Electronic – How to efficiently power and arrange 100 multi chip LEDs in 6 different colors each color runnig off their own transistors

Stop. Just stop.

You need to learn about driving LEDs. Apparently what you want to do is

^{simulate this circuit – Schematic created using CircuitLab}

where the number of LEDs will depend on the voltage of V1 and the color of the LEDs in a string. Am I correct?

If so, you are in big trouble. What will happen is that the LEDs will light up to some brightness. Very likely, the current being drawn will be too great, and you will kill one or more LEDs. You must keep in mind that the data sheets mention a range of values for things like forward voltage, and you cannot count on getting a bunch of "typical" units - not unless you're willing to fix things after they go badly wrong. But let's say that you've gotten lucky, and the LEDs are drawing just the right amount of current. What then?

Well, the LEDs will start to heat up. When they do, two things will happen. First, they will get dimmer. Second, they will begin to draw more current at the fixed voltage. This will cause them to get even hotter, which will cause them to draw even more current, which will cause them to get even hotter... and eventually one LED will die. If you are lucky, it will fail open circuit, which will save the others even though the string will be dead. If you are not lucky, it will fail shorted, and the situation will get much worse very quickly, and a second will fail. If that one fails shorted, a third will die very quickly indeed, and the process will continue until all are dead or the power supply decides it's had enough and shuts down. The increase in LED temperature is called "thermal runaway", and the system failure is called "firecracker mode".

So, how do you avoid this? Simple, you don't connect the LEDs directly to a voltage source. The simplest way is to add a series limiting resistor to the LED string, like so

^{simulate this circuit}

How big a resistor, you ask? At a minimum, I'd recommend a resistor which drops 1/4 of the power supply voltage, although I'm conservative in these things. So, if you were planning to drive a string of LEDs at 2 amps from a 36 volt supply, you could go with 4.5 ohms, which will produce a 9 volt drop.
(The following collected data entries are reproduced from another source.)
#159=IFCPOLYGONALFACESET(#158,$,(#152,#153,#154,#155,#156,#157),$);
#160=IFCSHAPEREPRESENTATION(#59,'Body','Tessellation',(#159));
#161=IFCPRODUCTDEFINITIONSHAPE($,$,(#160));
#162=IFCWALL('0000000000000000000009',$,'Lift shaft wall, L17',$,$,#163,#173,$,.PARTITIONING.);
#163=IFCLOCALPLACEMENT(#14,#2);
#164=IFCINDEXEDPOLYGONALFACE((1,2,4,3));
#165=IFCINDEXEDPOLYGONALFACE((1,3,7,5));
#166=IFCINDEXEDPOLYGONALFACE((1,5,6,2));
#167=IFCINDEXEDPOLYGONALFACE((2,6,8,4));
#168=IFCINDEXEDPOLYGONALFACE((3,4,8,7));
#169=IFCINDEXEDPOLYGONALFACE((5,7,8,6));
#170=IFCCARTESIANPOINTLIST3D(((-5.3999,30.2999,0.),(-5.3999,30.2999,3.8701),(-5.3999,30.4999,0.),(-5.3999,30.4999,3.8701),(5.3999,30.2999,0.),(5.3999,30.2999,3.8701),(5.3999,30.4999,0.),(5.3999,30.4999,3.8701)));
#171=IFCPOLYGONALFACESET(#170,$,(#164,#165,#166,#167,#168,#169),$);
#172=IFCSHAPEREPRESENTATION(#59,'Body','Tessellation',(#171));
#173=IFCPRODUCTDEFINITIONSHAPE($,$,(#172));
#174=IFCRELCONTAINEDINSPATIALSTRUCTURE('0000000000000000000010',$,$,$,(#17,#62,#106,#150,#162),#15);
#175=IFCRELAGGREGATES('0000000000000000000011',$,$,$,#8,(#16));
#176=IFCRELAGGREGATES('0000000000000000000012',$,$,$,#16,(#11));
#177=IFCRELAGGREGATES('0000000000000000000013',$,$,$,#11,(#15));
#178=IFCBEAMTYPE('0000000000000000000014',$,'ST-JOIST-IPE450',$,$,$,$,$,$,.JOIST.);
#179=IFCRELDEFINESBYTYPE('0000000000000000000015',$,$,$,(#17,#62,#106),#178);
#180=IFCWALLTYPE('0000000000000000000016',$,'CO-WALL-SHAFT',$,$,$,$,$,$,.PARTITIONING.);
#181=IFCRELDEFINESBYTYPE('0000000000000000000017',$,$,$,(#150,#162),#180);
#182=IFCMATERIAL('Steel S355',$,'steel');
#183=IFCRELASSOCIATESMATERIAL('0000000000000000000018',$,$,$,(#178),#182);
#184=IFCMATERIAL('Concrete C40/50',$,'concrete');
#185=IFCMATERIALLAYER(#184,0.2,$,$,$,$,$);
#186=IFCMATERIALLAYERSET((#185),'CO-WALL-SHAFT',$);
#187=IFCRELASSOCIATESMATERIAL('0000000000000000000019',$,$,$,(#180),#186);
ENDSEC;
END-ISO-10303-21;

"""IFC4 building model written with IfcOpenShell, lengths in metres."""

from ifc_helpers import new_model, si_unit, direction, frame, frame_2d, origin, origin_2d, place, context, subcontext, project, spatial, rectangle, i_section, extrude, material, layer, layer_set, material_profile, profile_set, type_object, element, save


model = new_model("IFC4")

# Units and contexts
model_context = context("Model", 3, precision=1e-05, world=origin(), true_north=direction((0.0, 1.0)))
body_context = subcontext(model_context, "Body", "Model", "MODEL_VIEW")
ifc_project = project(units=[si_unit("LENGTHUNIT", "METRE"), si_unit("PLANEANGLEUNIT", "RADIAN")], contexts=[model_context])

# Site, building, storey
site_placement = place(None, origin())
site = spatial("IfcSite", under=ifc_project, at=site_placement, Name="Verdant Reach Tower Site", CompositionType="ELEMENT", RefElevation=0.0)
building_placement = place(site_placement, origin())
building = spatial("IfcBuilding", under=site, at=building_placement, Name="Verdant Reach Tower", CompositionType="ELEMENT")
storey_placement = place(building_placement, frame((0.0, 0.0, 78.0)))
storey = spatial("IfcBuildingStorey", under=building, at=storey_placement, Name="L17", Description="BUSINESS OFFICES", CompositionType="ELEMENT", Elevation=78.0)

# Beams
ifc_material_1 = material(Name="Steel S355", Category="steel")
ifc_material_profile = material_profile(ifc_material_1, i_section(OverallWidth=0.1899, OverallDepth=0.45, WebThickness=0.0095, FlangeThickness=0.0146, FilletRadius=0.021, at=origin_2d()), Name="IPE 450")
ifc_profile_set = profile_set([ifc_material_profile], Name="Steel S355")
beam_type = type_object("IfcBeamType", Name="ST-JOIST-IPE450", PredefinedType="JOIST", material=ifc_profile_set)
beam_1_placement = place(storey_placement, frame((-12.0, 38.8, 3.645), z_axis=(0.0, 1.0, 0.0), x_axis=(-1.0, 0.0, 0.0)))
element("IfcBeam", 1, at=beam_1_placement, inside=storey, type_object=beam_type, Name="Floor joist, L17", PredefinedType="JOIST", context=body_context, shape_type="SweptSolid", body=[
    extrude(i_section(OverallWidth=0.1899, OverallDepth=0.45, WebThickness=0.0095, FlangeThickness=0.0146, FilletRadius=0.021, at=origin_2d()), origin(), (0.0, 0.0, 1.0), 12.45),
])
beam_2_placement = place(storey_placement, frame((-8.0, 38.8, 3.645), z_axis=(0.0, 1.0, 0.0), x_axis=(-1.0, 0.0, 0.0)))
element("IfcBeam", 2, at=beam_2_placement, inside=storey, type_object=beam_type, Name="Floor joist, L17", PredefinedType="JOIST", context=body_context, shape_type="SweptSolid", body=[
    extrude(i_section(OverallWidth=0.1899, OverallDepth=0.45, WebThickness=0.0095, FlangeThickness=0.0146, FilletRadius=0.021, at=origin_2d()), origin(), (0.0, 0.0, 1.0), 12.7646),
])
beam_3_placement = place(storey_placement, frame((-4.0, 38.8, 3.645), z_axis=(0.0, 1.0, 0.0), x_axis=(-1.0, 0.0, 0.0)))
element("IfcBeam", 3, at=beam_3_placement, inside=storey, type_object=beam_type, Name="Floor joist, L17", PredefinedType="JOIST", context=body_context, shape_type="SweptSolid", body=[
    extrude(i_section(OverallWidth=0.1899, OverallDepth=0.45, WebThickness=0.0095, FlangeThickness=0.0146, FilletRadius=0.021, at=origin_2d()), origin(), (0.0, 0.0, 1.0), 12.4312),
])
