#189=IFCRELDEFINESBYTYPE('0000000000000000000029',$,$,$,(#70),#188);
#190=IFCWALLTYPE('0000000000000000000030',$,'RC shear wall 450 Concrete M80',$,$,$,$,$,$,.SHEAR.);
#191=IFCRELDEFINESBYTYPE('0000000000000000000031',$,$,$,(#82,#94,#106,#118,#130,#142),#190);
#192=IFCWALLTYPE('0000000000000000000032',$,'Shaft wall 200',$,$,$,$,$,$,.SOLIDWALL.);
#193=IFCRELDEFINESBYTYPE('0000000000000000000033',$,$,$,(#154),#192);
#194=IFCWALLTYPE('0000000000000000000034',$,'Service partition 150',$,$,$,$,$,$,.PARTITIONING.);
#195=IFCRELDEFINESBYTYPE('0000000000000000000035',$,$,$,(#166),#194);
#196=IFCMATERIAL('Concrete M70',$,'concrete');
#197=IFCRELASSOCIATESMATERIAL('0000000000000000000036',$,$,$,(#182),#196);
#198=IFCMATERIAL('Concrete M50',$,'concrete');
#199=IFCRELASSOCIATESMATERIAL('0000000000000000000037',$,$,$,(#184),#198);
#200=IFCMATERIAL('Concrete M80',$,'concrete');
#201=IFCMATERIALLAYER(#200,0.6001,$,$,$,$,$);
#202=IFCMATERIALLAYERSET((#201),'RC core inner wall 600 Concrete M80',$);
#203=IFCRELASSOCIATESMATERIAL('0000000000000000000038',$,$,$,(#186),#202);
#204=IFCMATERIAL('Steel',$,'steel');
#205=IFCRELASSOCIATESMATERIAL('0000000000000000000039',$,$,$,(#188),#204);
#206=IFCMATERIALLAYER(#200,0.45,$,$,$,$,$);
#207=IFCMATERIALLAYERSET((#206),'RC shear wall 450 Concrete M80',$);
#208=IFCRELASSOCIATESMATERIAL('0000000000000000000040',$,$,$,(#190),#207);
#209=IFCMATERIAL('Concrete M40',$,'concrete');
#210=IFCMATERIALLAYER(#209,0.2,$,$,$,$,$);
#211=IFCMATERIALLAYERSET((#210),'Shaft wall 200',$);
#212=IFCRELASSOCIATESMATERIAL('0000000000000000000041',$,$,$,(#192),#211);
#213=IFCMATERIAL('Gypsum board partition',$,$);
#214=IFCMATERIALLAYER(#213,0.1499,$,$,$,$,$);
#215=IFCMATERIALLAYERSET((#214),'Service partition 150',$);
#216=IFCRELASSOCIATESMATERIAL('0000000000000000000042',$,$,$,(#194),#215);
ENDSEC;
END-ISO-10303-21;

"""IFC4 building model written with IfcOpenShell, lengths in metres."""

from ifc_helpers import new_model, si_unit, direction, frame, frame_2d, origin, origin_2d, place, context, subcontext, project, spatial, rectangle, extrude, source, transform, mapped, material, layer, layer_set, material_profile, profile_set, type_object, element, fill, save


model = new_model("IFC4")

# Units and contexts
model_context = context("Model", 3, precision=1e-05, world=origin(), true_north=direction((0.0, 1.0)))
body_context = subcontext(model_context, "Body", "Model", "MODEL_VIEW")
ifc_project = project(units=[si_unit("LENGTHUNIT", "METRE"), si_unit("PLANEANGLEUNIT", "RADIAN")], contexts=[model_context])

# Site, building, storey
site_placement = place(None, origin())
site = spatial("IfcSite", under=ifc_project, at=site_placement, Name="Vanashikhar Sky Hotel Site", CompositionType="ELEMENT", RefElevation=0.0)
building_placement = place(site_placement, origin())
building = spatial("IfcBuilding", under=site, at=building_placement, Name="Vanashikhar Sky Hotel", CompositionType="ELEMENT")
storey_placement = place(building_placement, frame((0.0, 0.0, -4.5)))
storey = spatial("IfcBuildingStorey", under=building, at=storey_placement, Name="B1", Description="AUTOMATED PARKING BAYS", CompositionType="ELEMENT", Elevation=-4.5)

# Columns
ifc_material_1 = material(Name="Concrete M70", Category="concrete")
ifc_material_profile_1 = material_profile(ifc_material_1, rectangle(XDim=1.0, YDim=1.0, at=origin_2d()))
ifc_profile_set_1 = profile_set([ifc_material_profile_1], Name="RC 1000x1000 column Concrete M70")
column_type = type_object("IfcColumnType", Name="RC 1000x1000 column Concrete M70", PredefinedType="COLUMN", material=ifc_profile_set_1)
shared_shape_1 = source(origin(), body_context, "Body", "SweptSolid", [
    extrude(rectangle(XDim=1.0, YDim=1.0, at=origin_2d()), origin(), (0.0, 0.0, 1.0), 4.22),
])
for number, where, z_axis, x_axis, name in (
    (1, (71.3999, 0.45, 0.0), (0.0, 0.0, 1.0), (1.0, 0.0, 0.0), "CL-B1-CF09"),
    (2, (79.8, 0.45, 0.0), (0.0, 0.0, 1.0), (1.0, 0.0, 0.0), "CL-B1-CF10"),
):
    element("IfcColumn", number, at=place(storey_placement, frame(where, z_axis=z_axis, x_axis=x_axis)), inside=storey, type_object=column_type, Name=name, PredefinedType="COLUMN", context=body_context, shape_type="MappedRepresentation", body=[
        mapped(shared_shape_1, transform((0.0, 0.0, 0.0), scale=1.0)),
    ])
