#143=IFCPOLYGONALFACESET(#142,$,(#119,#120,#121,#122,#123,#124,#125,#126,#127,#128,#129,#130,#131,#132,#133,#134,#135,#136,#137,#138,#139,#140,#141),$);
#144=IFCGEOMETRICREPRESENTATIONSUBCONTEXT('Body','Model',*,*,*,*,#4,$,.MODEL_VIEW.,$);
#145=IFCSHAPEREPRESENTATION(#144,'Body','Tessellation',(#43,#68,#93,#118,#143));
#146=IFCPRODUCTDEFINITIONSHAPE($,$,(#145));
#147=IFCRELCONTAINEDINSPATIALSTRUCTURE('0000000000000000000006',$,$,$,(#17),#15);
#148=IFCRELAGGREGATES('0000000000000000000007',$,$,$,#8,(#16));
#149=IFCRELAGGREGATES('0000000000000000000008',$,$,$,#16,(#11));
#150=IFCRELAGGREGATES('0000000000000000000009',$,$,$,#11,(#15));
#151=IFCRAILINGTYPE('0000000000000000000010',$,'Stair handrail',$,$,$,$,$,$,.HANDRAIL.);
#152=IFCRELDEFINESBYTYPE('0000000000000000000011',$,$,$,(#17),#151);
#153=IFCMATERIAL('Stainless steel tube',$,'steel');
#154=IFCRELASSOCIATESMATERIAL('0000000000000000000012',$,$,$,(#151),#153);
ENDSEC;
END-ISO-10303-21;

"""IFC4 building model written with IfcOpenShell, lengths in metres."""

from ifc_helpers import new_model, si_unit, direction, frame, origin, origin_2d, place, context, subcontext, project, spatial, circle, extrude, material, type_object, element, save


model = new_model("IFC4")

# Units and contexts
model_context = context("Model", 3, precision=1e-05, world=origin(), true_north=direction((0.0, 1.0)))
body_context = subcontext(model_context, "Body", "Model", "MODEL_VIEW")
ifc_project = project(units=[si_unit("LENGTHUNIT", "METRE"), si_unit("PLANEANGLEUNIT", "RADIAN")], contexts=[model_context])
The value is not super-critical, so you could get away with a 5 ohm resistor, which is a common resistance value. Of course, then you'd only have 27 volts available for your LEDs, but that's tough. Also, 2 amps at 9 volts is 18 watts, so you would need at least a 20-watt resistor, and a bigger unit would be better (Did I mention I'm conservative on these things? Did I also mention that I've flown rocket payloads, including a satellite, and my boxes have never failed? There is probably a connection there.).

This is obviously inefficient. The alternative is to use a switch-mode current source, which will turn the LED on and off very quickly, and get a proper average value. It will do so with a relatively small voltage drop, which means you can use more of your voltage for the LEDs. It's pretty apparent that you are not at the stage of being able to design this sort of circuit, so I really don't recommend that you try it just yet. You can buy commercial LED drivers which do operate this way, and if you're willing to take your chances you can get them very cheaply on eBay. Keep in mind that the cheap ones come directly from unknown companies in China, and the old saying, "caveat emptor" ("buyer beware") applies. It is your choice, though.

But let's say you've decided to go ahead with the DIY approach. Now you need to size your heat sink. You have stated that you want to mount a total of 262 watts worth of LED on each heat sink. If we make the generous assumption that the luminous efficiency of the LEDs is 20%, then we can expect to dissipate 80% of the input power as heat, or 210 watts. Additionally, we can expect to lose 1/3 of the LED power to the series limiting resistor, or another 83 watts. Total heat that the heat sink must handle is 290 watts. If you want the LED temperatures to be no more than 30 degrees C above ambient (which will put them up at about 130 degrees Fahrenheit), you will need a heat sink with a thermal resistance of 0.1 degrees/watt, since 0.1 times 300 is 30. Actually, you will almost certainly need a separate heat sink for each LED, since you'll want to space the LEDs out more than a single heat sink will allow. You can get such heat sinks on eBay, and they will run you about 1 dollar each, or maybe a bit more. You will also need to provide heat sink for each limiting resistor. If you do try to go with a single heat sink for each 262 watts of LED power, you'll find that it will run you somewhere near 100 bucks or more, and will be big and heavy, AND you will absolutely need a cooling fan for each heat sink.